Chicxulub désigne un immense cratère enfoui sous la péninsule du Yucatán, au Mexique. Il s’est formé lorsqu’un astéroïde a frappé la Terre il y a environ 66 millions d’années. Cet événement est considéré comme la principale cause de l’extinction des dinosaures non aviens.

Image d'illustration Pixabay

La collision a vaporisé des roches et expulsé d’immenses quantités de débris. Une partie de cette matière s’est ensuite condensée en petites sphérules. Leur chute dans l’atmosphère a produit de la chaleur, un mécanisme déjà envisagé pour expliquer des incendies étendus qui ont eu lieu à ce moment.

Les nouvelles simulations ajoutent un élément important : une épaisse couche de poussière aurait retenu cette énergie. Elle aurait alors fonctionné comme un isolant autour de la planète. Selon les calculs, la chaleur reçue au sol aurait été 3.5 fois plus intense qu’avec les seules sphérules.

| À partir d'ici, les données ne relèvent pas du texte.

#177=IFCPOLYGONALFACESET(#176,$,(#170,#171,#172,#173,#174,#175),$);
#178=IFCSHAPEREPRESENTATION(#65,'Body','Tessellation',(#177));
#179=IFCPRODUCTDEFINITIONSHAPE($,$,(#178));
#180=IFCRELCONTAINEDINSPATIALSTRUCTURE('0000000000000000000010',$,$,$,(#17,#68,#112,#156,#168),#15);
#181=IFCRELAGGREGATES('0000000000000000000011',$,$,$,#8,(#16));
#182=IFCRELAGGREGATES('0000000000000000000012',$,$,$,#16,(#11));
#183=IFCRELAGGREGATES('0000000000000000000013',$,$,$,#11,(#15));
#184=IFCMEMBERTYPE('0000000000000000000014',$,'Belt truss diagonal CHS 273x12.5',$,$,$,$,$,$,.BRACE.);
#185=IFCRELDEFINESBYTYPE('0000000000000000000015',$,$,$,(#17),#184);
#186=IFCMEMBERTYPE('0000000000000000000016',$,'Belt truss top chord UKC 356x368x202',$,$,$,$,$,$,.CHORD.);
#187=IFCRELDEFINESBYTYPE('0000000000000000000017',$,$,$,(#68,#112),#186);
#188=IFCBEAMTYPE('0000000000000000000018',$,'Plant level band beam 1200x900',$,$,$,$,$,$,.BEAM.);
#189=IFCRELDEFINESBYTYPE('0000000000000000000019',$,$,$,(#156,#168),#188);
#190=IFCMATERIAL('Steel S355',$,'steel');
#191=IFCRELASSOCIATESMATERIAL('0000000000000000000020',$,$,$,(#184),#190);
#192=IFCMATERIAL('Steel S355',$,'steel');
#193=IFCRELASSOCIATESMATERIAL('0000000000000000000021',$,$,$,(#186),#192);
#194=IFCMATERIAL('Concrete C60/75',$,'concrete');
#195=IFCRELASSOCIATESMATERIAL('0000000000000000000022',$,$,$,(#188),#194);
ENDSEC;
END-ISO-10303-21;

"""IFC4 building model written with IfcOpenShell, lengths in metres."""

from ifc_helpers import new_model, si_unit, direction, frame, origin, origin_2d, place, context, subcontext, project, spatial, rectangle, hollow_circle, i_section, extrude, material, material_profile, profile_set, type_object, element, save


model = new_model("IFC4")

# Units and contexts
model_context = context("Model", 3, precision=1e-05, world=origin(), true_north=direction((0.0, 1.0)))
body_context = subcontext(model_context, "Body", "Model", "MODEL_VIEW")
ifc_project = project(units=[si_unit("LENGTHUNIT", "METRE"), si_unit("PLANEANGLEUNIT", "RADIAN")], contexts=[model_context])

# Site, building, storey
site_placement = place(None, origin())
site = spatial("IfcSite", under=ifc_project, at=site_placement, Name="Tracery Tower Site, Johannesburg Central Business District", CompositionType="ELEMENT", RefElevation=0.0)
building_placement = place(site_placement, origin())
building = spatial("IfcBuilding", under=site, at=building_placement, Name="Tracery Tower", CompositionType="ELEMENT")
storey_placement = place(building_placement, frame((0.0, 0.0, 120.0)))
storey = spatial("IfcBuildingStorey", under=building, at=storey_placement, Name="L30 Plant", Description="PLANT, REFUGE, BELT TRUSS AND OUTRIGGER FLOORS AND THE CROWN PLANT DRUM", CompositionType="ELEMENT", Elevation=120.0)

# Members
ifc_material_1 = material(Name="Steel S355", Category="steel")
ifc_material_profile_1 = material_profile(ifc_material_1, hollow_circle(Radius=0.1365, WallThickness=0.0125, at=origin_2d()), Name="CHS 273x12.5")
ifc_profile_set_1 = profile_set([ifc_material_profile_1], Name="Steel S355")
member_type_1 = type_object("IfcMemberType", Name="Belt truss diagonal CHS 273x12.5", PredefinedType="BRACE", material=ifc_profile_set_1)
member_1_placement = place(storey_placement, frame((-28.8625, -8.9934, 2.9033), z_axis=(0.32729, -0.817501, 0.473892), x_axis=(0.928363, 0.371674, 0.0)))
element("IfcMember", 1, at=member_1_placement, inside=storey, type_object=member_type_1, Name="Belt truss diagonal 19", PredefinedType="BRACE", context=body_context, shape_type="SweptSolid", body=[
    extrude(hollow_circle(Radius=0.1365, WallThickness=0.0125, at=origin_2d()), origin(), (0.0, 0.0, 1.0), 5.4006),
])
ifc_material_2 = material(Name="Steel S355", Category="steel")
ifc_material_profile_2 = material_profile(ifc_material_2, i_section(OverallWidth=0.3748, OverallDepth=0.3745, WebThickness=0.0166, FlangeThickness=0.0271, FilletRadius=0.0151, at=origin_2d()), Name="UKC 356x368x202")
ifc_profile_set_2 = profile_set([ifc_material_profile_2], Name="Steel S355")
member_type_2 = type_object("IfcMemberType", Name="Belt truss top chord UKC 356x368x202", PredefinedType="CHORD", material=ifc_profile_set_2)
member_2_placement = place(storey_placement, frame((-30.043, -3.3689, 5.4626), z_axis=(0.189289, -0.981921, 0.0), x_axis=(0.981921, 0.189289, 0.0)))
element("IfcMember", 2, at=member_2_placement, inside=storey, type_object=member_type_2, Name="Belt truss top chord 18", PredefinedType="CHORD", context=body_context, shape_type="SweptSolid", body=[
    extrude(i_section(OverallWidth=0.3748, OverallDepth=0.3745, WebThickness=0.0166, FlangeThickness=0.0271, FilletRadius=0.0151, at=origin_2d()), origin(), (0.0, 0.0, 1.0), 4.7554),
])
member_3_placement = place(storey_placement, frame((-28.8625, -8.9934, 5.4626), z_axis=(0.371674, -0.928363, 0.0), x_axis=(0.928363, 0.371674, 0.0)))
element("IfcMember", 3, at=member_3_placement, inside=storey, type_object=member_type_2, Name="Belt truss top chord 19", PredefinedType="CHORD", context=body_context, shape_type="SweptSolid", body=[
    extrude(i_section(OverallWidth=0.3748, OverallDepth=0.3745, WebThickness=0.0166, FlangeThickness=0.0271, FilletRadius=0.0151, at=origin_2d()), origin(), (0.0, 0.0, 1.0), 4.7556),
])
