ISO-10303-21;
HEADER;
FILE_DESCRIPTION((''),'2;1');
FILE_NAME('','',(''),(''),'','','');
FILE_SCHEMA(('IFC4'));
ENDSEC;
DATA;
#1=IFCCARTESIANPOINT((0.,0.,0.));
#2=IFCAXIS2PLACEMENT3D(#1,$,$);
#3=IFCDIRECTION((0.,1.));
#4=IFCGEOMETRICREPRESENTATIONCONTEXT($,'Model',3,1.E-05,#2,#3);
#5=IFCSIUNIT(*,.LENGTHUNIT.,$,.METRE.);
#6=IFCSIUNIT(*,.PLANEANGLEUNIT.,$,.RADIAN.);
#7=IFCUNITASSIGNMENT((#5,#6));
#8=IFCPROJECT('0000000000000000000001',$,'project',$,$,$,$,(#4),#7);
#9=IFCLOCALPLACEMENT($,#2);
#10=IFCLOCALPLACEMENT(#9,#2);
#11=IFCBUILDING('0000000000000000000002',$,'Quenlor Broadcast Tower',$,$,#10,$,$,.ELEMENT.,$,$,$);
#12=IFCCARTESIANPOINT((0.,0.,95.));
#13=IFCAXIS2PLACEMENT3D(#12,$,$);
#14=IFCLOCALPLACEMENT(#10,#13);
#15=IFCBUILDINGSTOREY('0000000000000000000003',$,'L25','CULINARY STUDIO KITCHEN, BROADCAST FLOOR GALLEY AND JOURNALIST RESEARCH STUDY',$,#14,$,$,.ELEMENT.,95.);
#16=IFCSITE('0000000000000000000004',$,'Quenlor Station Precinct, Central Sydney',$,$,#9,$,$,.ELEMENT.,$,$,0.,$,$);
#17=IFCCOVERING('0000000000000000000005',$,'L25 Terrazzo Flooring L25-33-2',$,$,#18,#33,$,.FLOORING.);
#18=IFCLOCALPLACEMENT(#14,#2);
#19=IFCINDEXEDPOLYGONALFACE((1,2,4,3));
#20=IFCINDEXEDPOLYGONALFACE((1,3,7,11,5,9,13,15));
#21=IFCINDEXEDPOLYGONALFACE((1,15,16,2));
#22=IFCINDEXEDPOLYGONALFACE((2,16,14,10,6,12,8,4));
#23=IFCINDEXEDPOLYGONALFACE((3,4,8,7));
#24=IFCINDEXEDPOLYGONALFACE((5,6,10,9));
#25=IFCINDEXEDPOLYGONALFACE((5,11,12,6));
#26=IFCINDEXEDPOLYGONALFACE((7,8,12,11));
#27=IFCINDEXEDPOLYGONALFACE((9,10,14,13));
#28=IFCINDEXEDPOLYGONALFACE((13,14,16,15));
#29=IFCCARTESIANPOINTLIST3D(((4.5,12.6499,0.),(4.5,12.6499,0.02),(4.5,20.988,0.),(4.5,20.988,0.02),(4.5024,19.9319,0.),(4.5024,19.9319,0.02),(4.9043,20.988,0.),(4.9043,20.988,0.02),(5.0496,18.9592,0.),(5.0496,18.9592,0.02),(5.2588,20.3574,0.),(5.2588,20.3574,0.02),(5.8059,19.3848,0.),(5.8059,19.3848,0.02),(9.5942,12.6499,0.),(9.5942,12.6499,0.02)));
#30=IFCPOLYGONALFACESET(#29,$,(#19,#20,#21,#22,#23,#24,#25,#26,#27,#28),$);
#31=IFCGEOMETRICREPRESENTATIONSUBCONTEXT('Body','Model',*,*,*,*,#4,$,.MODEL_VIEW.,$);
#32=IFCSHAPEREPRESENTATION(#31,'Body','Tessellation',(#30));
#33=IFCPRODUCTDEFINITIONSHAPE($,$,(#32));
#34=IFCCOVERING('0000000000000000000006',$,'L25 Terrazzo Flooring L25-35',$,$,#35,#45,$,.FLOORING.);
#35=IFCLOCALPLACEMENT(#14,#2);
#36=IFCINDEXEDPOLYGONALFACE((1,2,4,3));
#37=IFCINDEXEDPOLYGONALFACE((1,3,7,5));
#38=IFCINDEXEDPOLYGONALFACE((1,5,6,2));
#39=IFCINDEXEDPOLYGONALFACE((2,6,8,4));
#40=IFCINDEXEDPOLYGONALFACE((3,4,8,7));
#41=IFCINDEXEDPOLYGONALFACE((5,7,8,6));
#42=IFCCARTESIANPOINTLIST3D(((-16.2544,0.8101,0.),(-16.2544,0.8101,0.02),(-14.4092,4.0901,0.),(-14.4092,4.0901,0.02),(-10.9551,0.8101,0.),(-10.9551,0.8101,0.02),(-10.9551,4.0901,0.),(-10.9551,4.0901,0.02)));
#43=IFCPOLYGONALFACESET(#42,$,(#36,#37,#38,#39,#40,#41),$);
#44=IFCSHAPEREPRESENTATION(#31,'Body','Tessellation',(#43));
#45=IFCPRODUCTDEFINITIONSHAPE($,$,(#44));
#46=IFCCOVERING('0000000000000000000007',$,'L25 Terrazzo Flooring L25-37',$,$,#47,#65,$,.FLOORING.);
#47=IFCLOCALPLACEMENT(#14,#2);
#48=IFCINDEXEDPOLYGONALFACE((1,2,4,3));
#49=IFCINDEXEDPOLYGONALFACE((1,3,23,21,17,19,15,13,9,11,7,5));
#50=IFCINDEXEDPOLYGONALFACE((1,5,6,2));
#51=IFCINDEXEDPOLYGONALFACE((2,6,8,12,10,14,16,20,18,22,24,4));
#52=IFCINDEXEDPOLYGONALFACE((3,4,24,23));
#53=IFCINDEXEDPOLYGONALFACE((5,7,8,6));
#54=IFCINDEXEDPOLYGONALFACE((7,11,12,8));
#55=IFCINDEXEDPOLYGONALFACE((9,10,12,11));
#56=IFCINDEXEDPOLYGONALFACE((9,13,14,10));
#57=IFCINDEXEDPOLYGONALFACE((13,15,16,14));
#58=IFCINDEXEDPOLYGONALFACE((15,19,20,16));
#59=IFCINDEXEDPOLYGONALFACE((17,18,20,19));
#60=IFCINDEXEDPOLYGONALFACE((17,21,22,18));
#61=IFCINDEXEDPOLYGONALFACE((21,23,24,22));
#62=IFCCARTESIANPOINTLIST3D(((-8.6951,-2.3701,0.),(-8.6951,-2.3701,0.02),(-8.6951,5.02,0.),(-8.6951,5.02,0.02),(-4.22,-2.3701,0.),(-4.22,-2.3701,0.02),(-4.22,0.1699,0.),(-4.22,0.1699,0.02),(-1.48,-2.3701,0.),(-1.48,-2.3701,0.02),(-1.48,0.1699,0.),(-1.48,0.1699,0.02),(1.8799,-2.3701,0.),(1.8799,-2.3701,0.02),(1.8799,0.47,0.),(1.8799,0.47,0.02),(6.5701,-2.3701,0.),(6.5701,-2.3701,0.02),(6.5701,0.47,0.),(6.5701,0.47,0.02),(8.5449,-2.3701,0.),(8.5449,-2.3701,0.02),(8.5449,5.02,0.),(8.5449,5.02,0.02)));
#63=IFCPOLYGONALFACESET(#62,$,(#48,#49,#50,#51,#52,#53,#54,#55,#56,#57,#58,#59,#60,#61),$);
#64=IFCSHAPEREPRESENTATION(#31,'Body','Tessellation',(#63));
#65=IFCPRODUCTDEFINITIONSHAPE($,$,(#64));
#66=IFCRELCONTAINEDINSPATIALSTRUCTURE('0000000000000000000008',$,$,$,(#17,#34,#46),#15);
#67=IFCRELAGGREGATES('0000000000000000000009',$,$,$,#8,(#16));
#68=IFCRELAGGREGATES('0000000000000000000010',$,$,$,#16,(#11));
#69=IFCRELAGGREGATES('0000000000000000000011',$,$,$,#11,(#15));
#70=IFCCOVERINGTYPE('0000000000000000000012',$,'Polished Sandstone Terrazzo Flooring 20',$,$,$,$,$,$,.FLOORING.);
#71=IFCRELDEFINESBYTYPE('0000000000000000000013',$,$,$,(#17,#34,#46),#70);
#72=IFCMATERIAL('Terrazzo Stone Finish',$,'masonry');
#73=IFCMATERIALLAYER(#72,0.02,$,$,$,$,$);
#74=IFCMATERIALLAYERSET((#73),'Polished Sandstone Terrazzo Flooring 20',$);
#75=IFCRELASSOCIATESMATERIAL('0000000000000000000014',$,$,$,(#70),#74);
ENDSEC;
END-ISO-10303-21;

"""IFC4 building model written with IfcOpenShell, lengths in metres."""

from ifc_helpers import new_model, si_unit, direction, frame, origin, place, context, subcontext, project, spatial, polyline, outline, extrude, material, layer, layer_set, type_object, element, save


model = new_model("IFC4")

# Units and contexts
model_context = context("Model", 3, precision=1e-05, world=origin(), true_north=direction((0.0, 1.0)))
body_context = subcontext(model_context, "Body", "Model", "MODEL_VIEW")
ifc_project = project(units=[si_unit("LENGTHUNIT", "METRE"), si_unit("PLANEANGLEUNIT", "RADIAN")], contexts=[model_context])

# Site, building, storey
site_placement = place(None, origin())
site = spatial("IfcSite", under=ifc_project, at=site_placement, Name="Quenlor Station Precinct, Central Sydney", CompositionType="ELEMENT", RefElevation=0.0)
building_placement = place(site_placement, origin())
building = spatial("IfcBuilding", under=site, at=building_placement, Name="Quenlor Broadcast Tower", CompositionType="ELEMENT")
storey_placement = place(building_placement, frame((0.0, 0.0, 95.0)))
storey = spatial("IfcBuildingStorey", under=building, at=storey_placement, Name="L25", Description="CULINARY STUDIO KITCHEN, BROADCAST FLOOR GALLEY AND JOURNALIST RESEARCH STUDY", CompositionType="ELEMENT", Elevation=95.0)

# Coverings
ifc_material_1 = material(Name="Terrazzo Stone Finish", Category="masonry")
ifc_layer_1 = layer(ifc_material_1, 0.02)
ifc_layer_set_1 = layer_set([ifc_layer_1], Name="Polished Sandstone Terrazzo Flooring 20")
covering_type_1 = type_object("IfcCoveringType", Name="Polished Sandstone Terrazzo Flooring 20", PredefinedType="FLOORING", material=ifc_layer_set_1)
covering_1_placement = place(storey_placement, origin())
element("IfcCovering", 1, at=covering_1_placement, inside=storey, type_object=covering_type_1, Name="L25 Terrazzo Flooring L25-33-2", PredefinedType="FLOORING", context=body_context, shape_type="SweptSolid", body=[
    extrude(outline(polyline([(5.0496, 18.9592), (5.8059, 19.3848), (9.5942, 12.6499), (4.5, 12.6499), (4.5, 20.988), (4.9043, 20.988), (5.2588, 20.3574), (4.5024, 19.9319), (5.0496, 18.9592)])), origin(), (0.0, 0.0, 1.0), 0.02),
])
covering_2_placement = place(storey_placement, origin())
element("IfcCovering", 2, at=covering_2_placement, inside=storey, type_object=covering_type_1, Name="L25 Terrazzo Flooring L25-35", PredefinedType="FLOORING", context=body_context, shape_type="SweptSolid", body=[
    extrude(outline(polyline([(-16.2544, 0.8101), (-14.4092, 4.0901), (-10.9551, 4.0901), (-10.9551, 0.8101), (-16.2544, 0.8101)])), origin(), (0.0, 0.0, 1.0), 0.02),
])
covering_3_placement = place(storey_placement, origin())
element("IfcCovering", 3, at=covering_3_placement, inside=storey, type_object=covering_type_1, Name="L25 Terrazzo Flooring L25-37", PredefinedType="FLOORING", context=body_context, shape_type="SweptSolid", body=[
    extrude(outline(polyline([(8.5449, 5.02), (8.5449, -2.3701), (6.5701, -2.3701), (6.5701, 0.47), (1.8799, 0.47), (1.8799, -2.3701), (-1.48, -2.3701), (-1.48, 0.1699), (-4.22, 0.1699), (-4.22, -2.3701), (-8.6951, -2.3701), (-8.6951, 5.02), (8.5449, 5.02)])), origin(), (0.0, 0.0, 1.0), 0.02),
])

save(model, "model.ifc")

Cette hausse aurait suffi à enflammer spontanément de nombreuses forêts. Les températures auraient aussi menacé directement les animaux exposés. Les espèces réfugiées sous terre ou dans des eaux peu profondes auraient bénéficié d’une meilleure protection.

Ce scénario place une partie majeure de la catastrophe dans les premières heures suivant l’impact. Il complète les effets des séismes, des tsunamis et des projections de matière.

La poussière aurait ensuite produit l’effet inverse. En bloquant la lumière solaire pendant plusieurs années, elle aurait refroidi la planète et perturbé durablement la photosynthèse. Un même nuage aurait donc participé à deux phases successives : un bref chauffage extrême, puis un hiver d’impact prolongé. Les écosystèmes auraient subi ces chocs sans période de récupération.

Cette étude renforce l’idée d’une mortalité terrestre très rapide après Chicxulub. Elle ne ferme toutefois pas le débat sur l’étendue mondiale des incendies et leur rôle exact dans l’extinction.